The pace of food and fuel price rises slowed considerably from March, suggesting inflation pressures may be peaking.

That, along with a strengthening labor market, lifted the spirits of consumers who have been battered by rising prices.

But the rapid rise in inflation has left wages trailing and many Americans are worried about the squeeze on their personal finances, a survey found.

Consumer prices rose 0.4 percent in April, slowing from 0.5 percent in March, the Labor Department said on Friday.

The rise, which was in line with economists' expectations, took the year-on-year inflation reading to 3.2 percent, the highest since October 2008.

Stripping out volatile food and energy costs, core CPI rose a mild 0.2 percent from March. The 12-month increase at 1.3 percent was at its highest level since February 2010. The Fed, however, would like to see that closer to 2 percent over time.

"The report raises no red flags for the Fed of an unruly inflationary dynamic taking hold," said Julia Coronado, North America chief economist at BNP Paribas in New York.

"Surging headline inflation has taken some steam out of economic momentum of late which would leave the Fed more inclined to be cautious in removing accommodation."

Year-on-year core CPI has risen 0.7 percentage point from a record low of 0.6 percent in October, an increase Fed officials will keep an eye on as they decide when to tighten policy.

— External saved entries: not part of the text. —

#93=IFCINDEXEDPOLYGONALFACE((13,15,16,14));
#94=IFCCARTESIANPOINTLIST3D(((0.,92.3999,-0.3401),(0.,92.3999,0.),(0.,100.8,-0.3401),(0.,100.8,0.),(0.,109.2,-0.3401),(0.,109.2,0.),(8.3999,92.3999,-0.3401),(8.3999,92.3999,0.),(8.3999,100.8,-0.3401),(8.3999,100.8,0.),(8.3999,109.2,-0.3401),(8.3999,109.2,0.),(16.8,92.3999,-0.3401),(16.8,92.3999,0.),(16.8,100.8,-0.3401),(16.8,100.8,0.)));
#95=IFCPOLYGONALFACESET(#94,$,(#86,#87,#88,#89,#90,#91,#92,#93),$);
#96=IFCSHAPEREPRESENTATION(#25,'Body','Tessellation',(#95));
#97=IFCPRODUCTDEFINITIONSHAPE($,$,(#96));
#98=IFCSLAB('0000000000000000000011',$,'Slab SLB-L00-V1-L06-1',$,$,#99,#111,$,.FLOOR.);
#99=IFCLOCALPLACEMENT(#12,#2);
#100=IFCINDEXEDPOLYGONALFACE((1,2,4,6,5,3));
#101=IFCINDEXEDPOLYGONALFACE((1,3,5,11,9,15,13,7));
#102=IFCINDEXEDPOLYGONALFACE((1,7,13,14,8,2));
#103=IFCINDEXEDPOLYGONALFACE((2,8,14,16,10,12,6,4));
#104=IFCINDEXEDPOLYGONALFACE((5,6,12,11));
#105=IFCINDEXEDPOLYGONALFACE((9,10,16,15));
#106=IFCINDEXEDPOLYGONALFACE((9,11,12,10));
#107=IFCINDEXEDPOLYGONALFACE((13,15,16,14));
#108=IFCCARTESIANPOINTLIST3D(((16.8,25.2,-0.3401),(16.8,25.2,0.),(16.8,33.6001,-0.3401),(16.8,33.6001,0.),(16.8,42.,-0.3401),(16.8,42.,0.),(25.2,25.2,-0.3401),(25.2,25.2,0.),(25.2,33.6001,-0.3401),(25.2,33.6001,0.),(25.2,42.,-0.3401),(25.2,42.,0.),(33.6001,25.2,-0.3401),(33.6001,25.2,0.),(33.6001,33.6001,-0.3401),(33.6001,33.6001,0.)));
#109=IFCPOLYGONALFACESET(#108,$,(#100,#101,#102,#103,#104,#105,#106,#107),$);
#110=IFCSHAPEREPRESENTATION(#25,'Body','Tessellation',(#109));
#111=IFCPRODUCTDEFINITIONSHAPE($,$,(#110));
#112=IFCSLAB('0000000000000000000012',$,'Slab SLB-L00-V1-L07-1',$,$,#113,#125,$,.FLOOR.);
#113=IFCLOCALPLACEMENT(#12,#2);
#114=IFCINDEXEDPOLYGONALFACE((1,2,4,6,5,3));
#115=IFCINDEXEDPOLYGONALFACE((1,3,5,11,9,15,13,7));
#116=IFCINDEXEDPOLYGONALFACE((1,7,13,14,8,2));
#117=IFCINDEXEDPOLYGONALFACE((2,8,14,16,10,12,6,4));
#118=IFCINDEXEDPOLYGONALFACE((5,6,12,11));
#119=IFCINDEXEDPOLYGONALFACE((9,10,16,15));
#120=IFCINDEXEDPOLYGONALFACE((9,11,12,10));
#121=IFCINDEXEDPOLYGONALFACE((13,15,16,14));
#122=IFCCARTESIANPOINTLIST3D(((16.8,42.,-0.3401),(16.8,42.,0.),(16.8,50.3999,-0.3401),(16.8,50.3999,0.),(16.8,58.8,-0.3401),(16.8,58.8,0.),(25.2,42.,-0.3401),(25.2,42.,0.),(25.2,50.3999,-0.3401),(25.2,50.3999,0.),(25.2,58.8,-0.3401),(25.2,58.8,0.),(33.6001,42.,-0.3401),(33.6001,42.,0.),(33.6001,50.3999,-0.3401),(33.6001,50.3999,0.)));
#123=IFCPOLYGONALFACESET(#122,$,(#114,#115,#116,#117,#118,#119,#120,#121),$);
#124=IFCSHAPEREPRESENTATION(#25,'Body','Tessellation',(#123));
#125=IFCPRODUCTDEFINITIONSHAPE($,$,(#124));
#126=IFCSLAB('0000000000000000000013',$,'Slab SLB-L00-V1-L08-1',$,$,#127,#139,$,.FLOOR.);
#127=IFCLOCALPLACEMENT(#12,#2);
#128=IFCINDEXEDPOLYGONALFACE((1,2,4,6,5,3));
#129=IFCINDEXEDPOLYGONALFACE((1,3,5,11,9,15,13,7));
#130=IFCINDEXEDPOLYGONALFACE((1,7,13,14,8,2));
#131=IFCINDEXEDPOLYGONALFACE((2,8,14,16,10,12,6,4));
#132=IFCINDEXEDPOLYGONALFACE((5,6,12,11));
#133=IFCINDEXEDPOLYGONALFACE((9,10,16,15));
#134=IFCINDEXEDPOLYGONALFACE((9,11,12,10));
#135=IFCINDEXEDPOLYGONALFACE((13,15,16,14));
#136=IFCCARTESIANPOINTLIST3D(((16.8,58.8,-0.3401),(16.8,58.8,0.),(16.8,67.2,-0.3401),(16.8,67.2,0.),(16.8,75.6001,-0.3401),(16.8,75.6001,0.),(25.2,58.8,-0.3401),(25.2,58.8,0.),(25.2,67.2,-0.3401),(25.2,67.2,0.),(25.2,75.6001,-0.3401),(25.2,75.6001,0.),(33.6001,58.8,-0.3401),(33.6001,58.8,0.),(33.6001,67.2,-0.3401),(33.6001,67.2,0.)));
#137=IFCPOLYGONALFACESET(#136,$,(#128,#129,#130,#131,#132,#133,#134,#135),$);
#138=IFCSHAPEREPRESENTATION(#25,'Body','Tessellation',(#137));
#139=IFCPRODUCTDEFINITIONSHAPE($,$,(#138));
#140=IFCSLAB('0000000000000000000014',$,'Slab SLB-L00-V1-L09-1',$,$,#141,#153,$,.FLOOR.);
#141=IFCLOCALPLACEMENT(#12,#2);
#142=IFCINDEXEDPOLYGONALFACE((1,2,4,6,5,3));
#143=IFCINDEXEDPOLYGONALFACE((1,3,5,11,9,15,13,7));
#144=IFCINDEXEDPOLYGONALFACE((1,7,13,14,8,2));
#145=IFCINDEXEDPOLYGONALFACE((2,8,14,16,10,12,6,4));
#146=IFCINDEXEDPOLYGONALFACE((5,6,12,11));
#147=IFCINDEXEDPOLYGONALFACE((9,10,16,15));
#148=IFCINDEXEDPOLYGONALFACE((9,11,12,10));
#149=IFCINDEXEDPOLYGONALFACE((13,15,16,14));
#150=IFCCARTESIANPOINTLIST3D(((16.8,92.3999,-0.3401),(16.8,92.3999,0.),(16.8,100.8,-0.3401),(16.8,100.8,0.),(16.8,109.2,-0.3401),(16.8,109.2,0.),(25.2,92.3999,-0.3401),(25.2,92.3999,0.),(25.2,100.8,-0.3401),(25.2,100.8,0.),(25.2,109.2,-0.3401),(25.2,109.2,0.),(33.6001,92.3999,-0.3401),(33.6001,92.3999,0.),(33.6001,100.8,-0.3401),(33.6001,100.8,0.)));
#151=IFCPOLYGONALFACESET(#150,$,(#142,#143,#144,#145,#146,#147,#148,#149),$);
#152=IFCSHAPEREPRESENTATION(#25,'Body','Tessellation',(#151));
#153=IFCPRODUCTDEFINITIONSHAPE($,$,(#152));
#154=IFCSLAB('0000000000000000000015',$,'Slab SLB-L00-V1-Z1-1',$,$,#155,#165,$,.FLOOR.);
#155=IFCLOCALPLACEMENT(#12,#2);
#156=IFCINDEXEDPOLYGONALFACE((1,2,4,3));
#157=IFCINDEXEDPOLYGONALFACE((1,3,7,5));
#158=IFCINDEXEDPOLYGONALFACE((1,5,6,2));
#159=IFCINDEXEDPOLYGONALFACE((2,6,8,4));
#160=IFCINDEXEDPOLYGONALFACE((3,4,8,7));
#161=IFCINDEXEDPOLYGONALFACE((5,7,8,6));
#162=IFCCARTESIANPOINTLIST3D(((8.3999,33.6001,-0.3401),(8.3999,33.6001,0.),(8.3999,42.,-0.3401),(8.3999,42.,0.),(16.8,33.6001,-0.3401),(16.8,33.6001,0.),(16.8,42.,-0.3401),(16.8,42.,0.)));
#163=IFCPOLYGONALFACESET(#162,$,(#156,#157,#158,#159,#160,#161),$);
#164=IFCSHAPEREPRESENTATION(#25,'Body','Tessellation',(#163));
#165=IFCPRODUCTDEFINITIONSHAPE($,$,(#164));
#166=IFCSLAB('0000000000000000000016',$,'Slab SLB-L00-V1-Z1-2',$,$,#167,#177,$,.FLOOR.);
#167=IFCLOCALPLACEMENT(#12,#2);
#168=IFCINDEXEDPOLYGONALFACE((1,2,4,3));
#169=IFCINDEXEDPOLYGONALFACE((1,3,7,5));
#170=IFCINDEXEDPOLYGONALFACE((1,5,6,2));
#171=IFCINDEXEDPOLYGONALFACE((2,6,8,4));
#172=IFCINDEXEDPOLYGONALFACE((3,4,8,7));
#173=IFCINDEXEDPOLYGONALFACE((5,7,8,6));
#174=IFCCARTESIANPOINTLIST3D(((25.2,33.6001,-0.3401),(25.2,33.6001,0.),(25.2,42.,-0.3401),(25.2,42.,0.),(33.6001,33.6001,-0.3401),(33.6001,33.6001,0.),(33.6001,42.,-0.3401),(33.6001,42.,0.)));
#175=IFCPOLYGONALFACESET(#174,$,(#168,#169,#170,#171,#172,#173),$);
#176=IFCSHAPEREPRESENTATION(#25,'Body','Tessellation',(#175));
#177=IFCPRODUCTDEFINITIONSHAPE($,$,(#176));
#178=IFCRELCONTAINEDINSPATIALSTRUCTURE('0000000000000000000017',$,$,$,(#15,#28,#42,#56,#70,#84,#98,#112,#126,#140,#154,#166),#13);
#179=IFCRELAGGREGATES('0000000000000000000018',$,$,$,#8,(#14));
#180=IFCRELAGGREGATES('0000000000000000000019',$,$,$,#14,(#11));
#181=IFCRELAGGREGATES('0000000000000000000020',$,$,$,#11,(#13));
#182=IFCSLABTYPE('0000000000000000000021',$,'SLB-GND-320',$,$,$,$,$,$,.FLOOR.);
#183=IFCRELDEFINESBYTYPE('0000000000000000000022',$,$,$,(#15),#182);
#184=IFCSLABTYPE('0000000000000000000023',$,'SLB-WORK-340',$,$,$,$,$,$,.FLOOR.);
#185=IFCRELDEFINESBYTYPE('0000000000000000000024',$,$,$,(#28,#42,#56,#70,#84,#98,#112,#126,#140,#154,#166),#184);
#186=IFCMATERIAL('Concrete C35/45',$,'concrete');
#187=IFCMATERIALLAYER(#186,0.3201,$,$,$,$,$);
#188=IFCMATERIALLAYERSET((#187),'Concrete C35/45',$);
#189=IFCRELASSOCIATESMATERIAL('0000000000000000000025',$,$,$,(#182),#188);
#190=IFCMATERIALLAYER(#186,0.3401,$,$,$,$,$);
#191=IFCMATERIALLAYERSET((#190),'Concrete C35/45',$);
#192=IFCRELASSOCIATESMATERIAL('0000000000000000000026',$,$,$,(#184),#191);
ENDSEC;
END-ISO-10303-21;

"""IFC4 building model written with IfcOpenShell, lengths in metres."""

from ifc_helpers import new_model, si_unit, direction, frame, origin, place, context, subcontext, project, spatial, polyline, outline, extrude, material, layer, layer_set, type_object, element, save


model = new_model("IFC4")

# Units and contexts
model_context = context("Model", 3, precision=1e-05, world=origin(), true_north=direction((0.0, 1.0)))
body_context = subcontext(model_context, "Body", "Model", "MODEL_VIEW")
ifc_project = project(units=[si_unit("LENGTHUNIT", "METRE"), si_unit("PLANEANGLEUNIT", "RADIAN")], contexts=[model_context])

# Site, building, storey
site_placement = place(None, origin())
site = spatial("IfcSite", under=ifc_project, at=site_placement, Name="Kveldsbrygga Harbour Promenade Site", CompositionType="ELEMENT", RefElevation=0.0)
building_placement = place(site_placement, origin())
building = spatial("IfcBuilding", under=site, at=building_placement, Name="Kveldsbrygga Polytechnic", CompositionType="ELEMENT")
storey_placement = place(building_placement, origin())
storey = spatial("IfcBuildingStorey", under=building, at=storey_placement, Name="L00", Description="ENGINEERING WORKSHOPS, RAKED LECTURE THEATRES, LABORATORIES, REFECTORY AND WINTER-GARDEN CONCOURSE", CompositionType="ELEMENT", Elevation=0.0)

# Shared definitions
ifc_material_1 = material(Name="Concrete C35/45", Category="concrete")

Separately, the Thomson Reuters/University of Michigan's index of consumer sentiment rose to 72.4 from 69.8 in April. The surveys also showed consumers were less worried about inflation over the next year.

CONSUMERS SQUEEZED

The stiff rise in food and energy costs in recent months has squeezed consumers, who are seeing only tepid wage gains.

Average hourly earnings, when adjusted for inflation, fell 0.3 percent in April -- declining for a third straight month. In the 12 months to April, they dropped 1.2 percent.

The sentiment survey showed a quarter of respondents reported declining incomes, and almost a third said rising prices had lowered their living standards.

Many Americans are cutting spending to cope with rising prices.

John Bedell, 38, an architect living in Boston said he often brings his lunch to work and borrows movies and books from a public library rather than buy them. He also recently cut his cable package.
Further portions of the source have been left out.